Benin Tourist is an excellent starting point for first-time visitors to West Africa. The country’s eco-tourism business is in its infancy, but the infrastructure is adequate. There are many tourist attractions, ranging from historic palaces to parks rich in animals to long, sandy beaches.
Itinerary for a Trip to Benin:
As part of a West Africa overland tour with Dragoman, I visited Benin. Itinerary highlights included the remote Tata Somba region, the first stop on the ten-day itinerary. From the far north to the southern coast of Benin, where the spectacular beaches of Grand Popo Beach await. During our ten-day stay we visited a variety of locations.
One of West Africa’s most distinctive cultural landscapes is the Tata Somba region, home to the rare two-story mud huts. We then made our way to the Pendjari National Park and the Abomey Palaces, all of which have a rich history. While in southern Benin Tourist, we visited the country’s voodoo sites as well as the frightening Route des Esclaves. Finally, we wrapped up our trip.
Benin’s Tata Somba region:
The Tata Somba homes are part of the more significant Koutammakou World Heritage Site encompassing northern Togo and Benin. We crossed into this from Togo in the Koutammakou/Tata Somba historical region, a tiny border post near Natitingou. It was an adventure in and of itself to cross the border into such a distant location.

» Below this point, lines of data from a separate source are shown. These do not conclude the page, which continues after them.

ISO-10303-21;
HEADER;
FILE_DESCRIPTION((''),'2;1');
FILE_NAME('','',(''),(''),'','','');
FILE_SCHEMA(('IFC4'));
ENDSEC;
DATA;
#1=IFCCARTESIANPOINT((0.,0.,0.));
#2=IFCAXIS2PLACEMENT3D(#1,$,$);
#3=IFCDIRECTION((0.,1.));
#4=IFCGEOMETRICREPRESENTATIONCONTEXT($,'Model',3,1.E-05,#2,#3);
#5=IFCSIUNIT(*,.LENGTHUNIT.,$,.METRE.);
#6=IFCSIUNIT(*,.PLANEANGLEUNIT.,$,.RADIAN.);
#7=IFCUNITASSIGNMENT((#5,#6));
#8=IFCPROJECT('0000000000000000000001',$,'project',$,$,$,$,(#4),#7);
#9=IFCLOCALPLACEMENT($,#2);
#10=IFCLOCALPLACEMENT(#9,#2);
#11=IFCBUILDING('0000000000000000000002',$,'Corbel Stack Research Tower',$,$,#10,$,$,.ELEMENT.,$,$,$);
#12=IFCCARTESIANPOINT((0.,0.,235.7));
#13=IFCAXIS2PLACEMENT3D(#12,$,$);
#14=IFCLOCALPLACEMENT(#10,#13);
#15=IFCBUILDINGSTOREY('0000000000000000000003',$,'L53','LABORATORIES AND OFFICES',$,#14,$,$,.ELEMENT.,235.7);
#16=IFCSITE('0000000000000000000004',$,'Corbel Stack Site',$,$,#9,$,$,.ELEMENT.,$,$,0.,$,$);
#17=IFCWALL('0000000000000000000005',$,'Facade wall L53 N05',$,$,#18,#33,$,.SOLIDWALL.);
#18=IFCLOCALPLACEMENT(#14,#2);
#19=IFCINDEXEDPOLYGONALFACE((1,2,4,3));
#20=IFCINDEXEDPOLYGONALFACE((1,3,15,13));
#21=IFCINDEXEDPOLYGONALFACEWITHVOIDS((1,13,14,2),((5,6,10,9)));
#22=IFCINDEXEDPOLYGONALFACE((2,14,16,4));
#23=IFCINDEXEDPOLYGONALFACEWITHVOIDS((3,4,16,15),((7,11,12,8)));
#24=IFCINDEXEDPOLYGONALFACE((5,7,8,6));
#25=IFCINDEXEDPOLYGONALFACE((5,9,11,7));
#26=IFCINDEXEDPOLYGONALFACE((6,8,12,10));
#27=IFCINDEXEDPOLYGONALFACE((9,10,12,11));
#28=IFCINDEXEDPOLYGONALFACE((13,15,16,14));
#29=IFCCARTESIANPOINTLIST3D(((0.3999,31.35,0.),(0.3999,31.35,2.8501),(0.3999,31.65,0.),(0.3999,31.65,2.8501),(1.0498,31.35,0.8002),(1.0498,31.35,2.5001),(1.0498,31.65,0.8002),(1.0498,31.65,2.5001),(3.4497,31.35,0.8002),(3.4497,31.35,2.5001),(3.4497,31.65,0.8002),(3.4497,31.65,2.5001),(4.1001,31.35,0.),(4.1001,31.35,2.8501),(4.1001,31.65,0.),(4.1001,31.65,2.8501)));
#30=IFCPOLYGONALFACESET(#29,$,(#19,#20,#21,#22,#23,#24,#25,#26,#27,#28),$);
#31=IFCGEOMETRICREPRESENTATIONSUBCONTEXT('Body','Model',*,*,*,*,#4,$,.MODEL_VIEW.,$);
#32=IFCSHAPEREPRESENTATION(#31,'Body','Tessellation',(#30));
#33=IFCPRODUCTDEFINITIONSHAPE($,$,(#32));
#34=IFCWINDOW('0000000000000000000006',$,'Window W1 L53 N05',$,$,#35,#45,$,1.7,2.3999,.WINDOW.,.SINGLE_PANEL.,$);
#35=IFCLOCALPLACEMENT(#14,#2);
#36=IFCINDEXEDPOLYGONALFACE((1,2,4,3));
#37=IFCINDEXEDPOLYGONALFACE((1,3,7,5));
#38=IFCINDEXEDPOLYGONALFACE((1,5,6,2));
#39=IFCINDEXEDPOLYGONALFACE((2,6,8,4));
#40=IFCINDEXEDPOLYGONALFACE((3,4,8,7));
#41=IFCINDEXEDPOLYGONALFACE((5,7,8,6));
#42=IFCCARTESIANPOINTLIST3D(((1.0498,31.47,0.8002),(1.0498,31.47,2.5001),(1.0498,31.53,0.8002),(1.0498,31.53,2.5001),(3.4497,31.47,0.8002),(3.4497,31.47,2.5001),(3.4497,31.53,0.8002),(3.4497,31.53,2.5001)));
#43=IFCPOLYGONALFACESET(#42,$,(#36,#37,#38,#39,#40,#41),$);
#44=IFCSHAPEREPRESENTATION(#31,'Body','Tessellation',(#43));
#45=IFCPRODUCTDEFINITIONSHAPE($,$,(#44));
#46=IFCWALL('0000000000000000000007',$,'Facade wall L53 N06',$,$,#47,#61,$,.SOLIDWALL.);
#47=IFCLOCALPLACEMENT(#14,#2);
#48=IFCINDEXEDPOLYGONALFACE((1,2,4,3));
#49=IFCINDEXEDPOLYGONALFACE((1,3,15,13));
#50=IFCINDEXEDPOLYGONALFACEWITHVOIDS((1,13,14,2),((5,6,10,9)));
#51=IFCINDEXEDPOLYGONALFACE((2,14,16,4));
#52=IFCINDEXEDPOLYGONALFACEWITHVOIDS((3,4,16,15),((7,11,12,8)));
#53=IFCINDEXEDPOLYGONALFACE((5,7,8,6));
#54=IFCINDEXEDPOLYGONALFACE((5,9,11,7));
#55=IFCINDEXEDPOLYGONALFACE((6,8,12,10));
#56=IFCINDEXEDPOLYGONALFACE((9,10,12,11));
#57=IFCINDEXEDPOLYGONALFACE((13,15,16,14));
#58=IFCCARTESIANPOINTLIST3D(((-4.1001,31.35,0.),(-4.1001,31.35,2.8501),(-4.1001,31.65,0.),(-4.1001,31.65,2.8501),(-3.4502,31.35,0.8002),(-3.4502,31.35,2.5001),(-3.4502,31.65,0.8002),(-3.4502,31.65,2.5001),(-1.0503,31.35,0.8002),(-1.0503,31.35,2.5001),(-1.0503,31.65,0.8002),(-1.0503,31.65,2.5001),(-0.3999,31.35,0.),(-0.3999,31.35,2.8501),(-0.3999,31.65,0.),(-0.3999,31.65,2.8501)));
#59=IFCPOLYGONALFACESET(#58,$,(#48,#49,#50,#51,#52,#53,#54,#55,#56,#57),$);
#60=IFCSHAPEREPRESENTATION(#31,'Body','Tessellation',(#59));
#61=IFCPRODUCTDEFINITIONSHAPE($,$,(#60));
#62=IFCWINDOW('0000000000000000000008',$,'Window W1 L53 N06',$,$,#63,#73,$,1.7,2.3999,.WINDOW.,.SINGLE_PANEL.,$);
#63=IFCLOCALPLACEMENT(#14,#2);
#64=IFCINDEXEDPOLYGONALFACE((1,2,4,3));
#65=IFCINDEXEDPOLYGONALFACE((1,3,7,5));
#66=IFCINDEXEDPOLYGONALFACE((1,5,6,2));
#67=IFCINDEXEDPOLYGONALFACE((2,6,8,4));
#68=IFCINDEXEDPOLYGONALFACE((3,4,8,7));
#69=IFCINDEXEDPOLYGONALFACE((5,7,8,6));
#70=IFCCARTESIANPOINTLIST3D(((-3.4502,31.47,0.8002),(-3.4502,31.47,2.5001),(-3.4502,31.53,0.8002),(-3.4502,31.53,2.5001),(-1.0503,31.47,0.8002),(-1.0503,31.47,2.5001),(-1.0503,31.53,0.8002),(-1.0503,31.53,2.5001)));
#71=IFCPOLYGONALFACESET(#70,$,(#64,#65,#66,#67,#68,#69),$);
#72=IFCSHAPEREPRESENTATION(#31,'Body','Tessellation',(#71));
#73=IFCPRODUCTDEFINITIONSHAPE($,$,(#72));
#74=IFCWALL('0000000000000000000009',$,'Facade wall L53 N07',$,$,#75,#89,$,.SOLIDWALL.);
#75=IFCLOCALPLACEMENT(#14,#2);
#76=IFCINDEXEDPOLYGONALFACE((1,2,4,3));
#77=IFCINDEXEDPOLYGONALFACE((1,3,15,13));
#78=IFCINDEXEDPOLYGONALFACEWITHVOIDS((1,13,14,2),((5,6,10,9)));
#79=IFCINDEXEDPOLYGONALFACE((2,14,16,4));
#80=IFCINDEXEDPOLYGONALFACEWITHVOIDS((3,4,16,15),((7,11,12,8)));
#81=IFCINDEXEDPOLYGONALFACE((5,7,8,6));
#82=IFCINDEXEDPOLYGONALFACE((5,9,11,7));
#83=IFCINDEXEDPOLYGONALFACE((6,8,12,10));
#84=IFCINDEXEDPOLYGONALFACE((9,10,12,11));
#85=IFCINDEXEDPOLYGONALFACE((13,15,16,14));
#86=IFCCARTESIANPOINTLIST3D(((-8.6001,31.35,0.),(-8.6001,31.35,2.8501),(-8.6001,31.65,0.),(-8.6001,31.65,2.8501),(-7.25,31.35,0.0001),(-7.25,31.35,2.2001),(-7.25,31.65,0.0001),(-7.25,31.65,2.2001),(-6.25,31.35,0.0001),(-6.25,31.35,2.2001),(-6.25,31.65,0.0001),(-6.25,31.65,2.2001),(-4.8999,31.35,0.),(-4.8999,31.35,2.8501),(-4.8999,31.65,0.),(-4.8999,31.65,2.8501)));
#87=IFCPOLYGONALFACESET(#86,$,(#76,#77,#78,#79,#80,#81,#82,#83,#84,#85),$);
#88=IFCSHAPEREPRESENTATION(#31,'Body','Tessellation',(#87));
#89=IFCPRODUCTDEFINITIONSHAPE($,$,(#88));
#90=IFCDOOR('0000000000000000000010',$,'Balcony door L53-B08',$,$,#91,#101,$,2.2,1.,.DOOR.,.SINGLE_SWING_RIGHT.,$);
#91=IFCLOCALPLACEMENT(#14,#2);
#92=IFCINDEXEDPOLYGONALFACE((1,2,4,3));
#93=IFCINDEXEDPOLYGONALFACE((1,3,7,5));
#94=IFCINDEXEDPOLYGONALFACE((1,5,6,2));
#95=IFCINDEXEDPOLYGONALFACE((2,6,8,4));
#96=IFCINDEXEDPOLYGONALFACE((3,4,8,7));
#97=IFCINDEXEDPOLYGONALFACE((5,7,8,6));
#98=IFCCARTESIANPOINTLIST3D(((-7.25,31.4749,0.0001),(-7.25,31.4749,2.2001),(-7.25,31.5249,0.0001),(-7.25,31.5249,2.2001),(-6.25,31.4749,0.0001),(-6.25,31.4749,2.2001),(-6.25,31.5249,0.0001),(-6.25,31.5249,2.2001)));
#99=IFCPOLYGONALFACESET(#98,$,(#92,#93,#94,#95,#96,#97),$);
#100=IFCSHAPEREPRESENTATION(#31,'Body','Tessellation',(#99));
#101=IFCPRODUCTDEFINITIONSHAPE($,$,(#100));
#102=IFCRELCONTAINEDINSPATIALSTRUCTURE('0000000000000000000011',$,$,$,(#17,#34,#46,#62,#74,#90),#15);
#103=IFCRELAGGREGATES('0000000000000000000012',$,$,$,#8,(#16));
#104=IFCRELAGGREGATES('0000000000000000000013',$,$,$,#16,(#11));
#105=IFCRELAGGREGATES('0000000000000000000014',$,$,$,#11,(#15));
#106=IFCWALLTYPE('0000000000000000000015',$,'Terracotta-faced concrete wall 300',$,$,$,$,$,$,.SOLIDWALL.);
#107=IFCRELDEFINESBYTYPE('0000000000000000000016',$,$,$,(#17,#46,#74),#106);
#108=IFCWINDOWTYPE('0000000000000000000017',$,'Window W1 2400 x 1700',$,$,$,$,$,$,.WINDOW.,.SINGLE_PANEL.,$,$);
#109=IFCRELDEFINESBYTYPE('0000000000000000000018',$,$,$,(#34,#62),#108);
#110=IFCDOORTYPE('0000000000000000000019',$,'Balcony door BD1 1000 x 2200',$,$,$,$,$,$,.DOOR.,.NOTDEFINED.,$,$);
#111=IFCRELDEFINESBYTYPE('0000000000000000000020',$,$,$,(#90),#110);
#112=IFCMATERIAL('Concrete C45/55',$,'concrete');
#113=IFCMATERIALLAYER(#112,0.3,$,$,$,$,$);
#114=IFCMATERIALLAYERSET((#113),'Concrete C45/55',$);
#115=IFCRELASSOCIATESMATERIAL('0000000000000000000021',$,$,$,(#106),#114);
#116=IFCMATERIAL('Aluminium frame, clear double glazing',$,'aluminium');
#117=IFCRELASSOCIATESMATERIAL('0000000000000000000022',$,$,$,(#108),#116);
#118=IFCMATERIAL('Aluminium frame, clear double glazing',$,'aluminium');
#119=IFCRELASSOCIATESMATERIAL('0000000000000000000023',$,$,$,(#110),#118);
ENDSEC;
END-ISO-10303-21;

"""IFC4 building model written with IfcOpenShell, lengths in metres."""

from ifc_helpers import new_model, si_unit, direction, frame, frame_2d, origin, place, context, subcontext, project, spatial, rectangle, extrude, material, layer, layer_set, type_object, element, fill, save


model = new_model("IFC4")

# Units and contexts
model_context = context("Model", 3, precision=1e-05, world=origin(), true_north=direction((0.0, 1.0)))
body_context = subcontext(model_context, "Body", "Model", "MODEL_VIEW")
ifc_project = project(units=[si_unit("LENGTHUNIT", "METRE"), si_unit("PLANEANGLEUNIT", "RADIAN")], contexts=[model_context])

# Site, building, storey
site_placement = place(None, origin())
site = spatial("IfcSite", under=ifc_project, at=site_placement, Name="Corbel Stack Site", CompositionType="ELEMENT", RefElevation=0.0)
building_placement = place(site_placement, origin())
building = spatial("IfcBuilding", under=site, at=building_placement, Name="Corbel Stack Research Tower", CompositionType="ELEMENT")
storey_placement = place(building_placement, frame((0.0, 0.0, 235.7)))
storey = spatial("IfcBuildingStorey", under=building, at=storey_placement, Name="L53", Description="LABORATORIES AND OFFICES", CompositionType="ELEMENT", Elevation=235.7)

# Walls, openings, windows
ifc_material_1 = material(Name="Concrete C45/55", Category="concrete")
ifc_layer_1 = layer(ifc_material_1, 0.3)
ifc_layer_set_1 = layer_set([ifc_layer_1], Name="Concrete C45/55")
wall_type_1 = type_object("IfcWallType", Name="Terracotta-faced concrete wall 300", PredefinedType="SOLIDWALL", material=ifc_layer_set_1)
wall_1_placement = place(storey_placement, frame((0.3999, 31.5, 0.0), z_axis=(0.0, 0.0, 1.0), x_axis=(1.0, 0.0, 0.0)))
wall_1 = element("IfcWall", 1, at=wall_1_placement, inside=storey, type_object=wall_type_1, Name="Facade wall L53 N05", PredefinedType="SOLIDWALL", context=body_context, shape_type="SweptSolid", body=[
    extrude(rectangle(XDim=3.7002, YDim=0.3, at=frame_2d((1.8501, 0.0))), origin(), (0.0, 0.0, 1.0), 2.8501),
])
opening_1_placement = place(wall_1_placement, frame((0.6499, 0.0, 0.8)))
opening_1 = element("IfcOpeningElement", 2, at=opening_1_placement, cuts=wall_1, PredefinedType="OPENING", context=body_context, shape_type="SweptSolid", body=[
    extrude(rectangle(XDim=2.3999, YDim=1.7, at=frame_2d((1.2, 0.8501))), frame((0.0, 0.1599, 0.0), z_axis=(0.0, -1.0, 0.0), x_axis=(1.0, 0.0, 0.0)), (0.0, 0.0, 1.0), 0.3201),
])
ifc_material_2 = material(Name="Aluminium frame, clear double glazing", Category="aluminium")
window_type = type_object("IfcWindowType", Name="Window W1 2400 x 1700", PartitioningType="SINGLE_PANEL", PredefinedType="WINDOW", material=ifc_material_2)
window_1_placement = place(opening_1_placement, origin())
window_1 = element("IfcWindow", 3, at=window_1_placement, inside=storey, type_object=window_type, Name="Window W1 L53 N05", OverallHeight=1.7, OverallWidth=2.3999, PartitioningType="SINGLE_PANEL", PredefinedType="WINDOW", context=body_context, shape_type="SweptSolid", body=[
    extrude(rectangle(XDim=2.3999, YDim=1.7, at=frame_2d((1.2, 0.8501))), frame((0.0, 0.03, 0.0), z_axis=(0.0, -1.0, 0.0), x_axis=(1.0, 0.0, 0.0)), (0.0, 0.0, 1.0), 0.0601),
])
fill(opening_1, window_1)
wall_2_placement = place(storey_placement, frame((-4.1001, 31.5, 0.0), z_axis=(0.0, 0.0, 1.0), x_axis=(1.0, 0.0, 0.0)))
wall_2 = element("IfcWall", 4, at=wall_2_placement, inside=storey, type_object=wall_type_1, Name="Facade wall L53 N06", PredefinedType="SOLIDWALL", context=body_context, shape_type="SweptSolid", body=[
    extrude(rectangle(XDim=3.7002, YDim=0.3, at=frame_2d((1.8501, 0.0))), origin(), (0.0, 0.0, 1.0), 2.8501),
])
opening_2_placement = place(wall_2_placement, frame((0.6499, 0.0, 0.8)))
opening_2 = element("IfcOpeningElement", 5, at=opening_2_placement, cuts=wall_2, PredefinedType="OPENING", context=body_context, shape_type="SweptSolid", body=[
    extrude(rectangle(XDim=2.3999, YDim=1.7, at=frame_2d((1.2, 0.8501))), frame((0.0, 0.1599, 0.0), z_axis=(0.0, -1.0, 0.0), x_axis=(1.0, 0.0, 0.0)), (0.0, 0.0, 1.0), 0.3201),
])
window_2_placement = place(opening_2_placement, origin())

There is no formal border crossing between Koutammakou and Tata Somba, and the roads crisscross the area. Families on either side of the border can reunite because the barrier is so porous. We had to drive back and forth across the fictitious border several times before we found an official border guard to get our Benin Tourist entrance stamp.
As soon as we arrived at the immigration ‘office,’ we discovered that it was merely a man sitting on a stump near a dusty village road with a stamp in hand. We drove to our eco-lodge from the border, which was designed to seem like a Tata Somba homestead. We used the eco-lodge as a home base to visit the nearby communities and feel for the region’s distinct cultural landscape.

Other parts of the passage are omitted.